A Small Reflection for Father’s Day and Beyond: Courtesy of James Michener

"I hope this is me in 40 years" Photo by J.B. Hill, via Flickr.com under Creative Commons License
"I hope this is me in 40 years" Photo by J.B. Hill, via Flickr.com under Creative Commons License

Father’s Day and all that means raises a lot of memories for so many of us. Father-son and daughter relationships are always interesting. Just check out literature, mythology or the Bible. Of course, for our generation we are discovering the life stage of grand father and, in many cases, reshaping that as well.
We sometimes look back and try and see the world through our dad’s experience. As time passes, it gets a little harder. My dad died many years ago (1990) but his voice is still very present. His advice, given to me on the day of my Ordination from HUC-JIR that “no matter what you do, there is no substitute for hard work”, stuck with me to this day.
Dads help negotiate the roads of life. Sometimes we do not realize the correctness of their advice until we experience life and then, often times, we stop and consider that he was pretty smart. So, in keeping with a sense of perspective, and perhaps channelling some advice we have given to our own kids, I wanted to write up the following quote from a 1971 Michener book called “The Drifters”. I read it during my Michener phase while at seminary. The book, now a little dated, speaks to a generation of young people in the 60s who go in search of themselves. It spoke to a generation. A narrator, an older man who befriends this band of drifters, is in conversation with them during a sojourn into Portugal. As the young people begin to see themselves in a new light, the narrator comments on life’s journey. I remember reading this as a rabbinic student and this paragraph made an impact. In re-reading the book now, the same paragraph touched new emotions.
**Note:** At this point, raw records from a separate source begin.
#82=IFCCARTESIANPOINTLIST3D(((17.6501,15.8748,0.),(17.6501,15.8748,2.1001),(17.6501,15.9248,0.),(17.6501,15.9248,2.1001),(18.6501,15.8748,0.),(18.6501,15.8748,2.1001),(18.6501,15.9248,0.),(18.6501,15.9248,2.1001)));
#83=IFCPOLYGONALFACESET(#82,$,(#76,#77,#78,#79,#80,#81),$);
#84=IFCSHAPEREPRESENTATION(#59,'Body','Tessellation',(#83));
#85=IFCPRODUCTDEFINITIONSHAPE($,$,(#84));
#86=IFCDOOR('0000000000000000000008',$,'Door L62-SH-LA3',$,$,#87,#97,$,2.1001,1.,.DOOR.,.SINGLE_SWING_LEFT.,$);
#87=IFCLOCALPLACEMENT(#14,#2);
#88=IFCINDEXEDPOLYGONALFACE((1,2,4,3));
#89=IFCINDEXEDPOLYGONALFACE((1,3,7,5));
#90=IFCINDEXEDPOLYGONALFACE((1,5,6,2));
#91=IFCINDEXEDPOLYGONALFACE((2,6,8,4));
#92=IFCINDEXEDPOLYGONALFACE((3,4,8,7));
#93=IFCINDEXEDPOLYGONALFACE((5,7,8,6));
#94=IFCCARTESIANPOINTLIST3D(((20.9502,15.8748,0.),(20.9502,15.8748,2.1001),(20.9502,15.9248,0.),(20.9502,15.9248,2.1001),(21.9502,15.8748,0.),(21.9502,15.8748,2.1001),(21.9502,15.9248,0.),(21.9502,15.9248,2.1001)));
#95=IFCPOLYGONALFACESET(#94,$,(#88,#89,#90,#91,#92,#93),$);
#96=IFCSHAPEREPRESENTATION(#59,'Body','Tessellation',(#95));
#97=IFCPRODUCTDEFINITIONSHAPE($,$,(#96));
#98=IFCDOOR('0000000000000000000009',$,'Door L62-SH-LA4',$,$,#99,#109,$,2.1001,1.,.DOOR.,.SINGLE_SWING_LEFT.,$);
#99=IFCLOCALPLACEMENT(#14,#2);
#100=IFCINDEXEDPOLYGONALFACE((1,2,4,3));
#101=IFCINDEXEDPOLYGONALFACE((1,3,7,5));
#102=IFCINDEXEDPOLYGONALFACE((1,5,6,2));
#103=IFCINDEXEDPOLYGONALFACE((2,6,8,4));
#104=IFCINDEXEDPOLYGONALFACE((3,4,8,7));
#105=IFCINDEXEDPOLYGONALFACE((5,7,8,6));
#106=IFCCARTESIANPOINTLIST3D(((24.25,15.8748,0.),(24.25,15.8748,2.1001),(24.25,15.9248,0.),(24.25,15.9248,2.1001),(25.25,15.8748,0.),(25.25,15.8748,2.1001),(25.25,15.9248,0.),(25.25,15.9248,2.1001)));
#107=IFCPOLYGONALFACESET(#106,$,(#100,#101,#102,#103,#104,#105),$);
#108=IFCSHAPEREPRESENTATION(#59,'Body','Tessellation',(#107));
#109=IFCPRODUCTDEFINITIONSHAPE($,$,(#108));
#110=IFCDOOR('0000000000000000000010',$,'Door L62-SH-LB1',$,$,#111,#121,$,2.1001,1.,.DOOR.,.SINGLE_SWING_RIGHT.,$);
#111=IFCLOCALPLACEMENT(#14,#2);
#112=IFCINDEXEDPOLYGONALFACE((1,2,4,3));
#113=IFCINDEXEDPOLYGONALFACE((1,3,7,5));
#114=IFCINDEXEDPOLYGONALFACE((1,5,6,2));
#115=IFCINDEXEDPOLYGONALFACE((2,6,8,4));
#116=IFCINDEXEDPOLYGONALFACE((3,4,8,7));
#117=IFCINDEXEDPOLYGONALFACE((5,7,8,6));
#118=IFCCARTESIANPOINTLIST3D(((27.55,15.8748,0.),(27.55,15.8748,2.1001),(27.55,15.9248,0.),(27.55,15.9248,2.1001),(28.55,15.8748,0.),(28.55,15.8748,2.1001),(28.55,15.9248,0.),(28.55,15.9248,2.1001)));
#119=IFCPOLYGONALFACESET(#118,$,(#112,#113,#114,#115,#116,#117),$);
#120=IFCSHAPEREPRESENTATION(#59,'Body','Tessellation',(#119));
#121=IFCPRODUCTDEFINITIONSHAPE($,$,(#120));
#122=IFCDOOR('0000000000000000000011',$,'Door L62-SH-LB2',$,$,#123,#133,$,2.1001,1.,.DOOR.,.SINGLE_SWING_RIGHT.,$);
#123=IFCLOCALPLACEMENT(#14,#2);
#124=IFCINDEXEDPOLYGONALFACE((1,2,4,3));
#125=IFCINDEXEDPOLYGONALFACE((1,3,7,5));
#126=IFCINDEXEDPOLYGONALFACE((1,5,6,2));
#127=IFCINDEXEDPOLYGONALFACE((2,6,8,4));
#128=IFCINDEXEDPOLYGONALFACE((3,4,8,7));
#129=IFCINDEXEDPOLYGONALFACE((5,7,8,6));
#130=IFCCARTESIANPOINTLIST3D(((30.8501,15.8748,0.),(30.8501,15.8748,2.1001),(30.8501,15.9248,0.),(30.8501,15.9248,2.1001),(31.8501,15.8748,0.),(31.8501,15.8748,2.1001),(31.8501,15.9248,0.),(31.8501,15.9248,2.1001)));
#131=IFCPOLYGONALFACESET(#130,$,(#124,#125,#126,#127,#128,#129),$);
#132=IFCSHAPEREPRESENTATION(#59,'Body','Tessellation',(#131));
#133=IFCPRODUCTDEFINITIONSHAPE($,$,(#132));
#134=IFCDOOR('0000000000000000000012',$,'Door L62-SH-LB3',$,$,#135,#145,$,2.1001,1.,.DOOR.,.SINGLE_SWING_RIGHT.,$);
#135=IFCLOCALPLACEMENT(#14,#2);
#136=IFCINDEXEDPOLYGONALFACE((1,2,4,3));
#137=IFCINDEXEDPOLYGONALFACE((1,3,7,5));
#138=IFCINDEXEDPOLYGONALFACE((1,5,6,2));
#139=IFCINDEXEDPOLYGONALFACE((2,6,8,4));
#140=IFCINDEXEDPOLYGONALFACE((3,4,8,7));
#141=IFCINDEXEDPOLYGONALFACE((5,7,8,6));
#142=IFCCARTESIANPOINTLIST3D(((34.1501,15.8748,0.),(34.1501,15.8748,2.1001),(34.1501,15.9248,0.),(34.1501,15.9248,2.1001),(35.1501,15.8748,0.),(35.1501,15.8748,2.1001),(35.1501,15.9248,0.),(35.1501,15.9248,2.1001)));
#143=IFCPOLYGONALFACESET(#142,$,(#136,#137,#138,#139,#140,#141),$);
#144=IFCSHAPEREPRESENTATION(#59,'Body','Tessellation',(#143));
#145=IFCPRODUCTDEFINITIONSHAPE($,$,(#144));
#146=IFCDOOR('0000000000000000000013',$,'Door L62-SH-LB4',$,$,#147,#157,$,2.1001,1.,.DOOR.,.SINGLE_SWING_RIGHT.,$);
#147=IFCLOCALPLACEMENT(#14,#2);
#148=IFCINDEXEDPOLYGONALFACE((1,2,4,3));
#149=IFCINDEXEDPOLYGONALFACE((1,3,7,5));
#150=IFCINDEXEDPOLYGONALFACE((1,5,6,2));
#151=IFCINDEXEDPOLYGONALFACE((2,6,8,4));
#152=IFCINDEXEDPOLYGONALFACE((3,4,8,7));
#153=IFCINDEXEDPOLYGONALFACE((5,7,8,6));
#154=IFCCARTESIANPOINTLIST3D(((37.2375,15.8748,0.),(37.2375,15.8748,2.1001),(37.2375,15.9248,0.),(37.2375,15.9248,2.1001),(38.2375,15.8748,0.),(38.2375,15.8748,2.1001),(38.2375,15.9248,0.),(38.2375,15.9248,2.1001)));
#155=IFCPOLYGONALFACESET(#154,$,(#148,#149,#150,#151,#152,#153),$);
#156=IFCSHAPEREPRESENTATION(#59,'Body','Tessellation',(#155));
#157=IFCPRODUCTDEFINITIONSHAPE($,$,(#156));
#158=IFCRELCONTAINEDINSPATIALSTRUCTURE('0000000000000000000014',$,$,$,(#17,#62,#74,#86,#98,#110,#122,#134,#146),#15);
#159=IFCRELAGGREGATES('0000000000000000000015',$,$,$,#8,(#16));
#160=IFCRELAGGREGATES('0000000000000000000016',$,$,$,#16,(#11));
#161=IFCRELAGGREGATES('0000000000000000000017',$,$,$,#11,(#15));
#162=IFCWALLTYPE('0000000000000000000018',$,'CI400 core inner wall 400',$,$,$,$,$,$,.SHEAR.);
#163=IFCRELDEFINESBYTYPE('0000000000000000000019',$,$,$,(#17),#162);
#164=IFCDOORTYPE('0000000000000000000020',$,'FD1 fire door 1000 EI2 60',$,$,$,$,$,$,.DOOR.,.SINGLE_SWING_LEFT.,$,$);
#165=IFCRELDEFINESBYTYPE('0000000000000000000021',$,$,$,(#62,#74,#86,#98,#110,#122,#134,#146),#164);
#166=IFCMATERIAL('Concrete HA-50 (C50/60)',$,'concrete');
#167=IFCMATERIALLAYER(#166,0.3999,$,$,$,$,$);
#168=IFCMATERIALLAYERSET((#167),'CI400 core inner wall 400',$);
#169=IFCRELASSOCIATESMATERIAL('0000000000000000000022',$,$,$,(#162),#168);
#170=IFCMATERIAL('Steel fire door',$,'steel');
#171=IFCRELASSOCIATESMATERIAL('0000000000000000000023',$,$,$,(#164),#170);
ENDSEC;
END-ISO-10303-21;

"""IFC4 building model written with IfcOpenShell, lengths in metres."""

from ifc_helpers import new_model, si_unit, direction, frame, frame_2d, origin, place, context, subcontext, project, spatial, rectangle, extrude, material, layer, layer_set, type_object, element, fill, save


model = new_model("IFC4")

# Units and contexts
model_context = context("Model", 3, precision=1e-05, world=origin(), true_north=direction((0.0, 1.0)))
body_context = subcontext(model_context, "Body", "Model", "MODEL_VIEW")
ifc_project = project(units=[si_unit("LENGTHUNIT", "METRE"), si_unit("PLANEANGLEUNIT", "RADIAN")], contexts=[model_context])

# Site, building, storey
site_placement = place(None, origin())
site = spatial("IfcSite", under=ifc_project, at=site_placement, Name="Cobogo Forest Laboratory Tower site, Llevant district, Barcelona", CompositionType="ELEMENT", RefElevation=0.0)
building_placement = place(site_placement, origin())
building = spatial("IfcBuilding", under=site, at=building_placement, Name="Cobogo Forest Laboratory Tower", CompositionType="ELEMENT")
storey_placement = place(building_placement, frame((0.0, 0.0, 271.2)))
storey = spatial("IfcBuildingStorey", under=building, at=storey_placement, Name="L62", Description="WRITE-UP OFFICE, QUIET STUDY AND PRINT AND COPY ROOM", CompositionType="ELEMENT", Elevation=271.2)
“But the neat trick in life is not to negotiate the years from seventeen to twenty-five. Anyone can do that, and apparently it is a lot easier than I once thought. The problem is to build something that will sustain you from thirty five to sixty. Finding some kind of work that gives you pleasure. Finding someone…you can live with through the tough years. Finding a way to rear children. Most of all, keeping your sanity and dedication.” If we are lucky, dads have helped negotiate this for us and if we are also luck, we have, as dads, helped our kids. Not a bad message to reflect upon.
Rabbi Richard F Address.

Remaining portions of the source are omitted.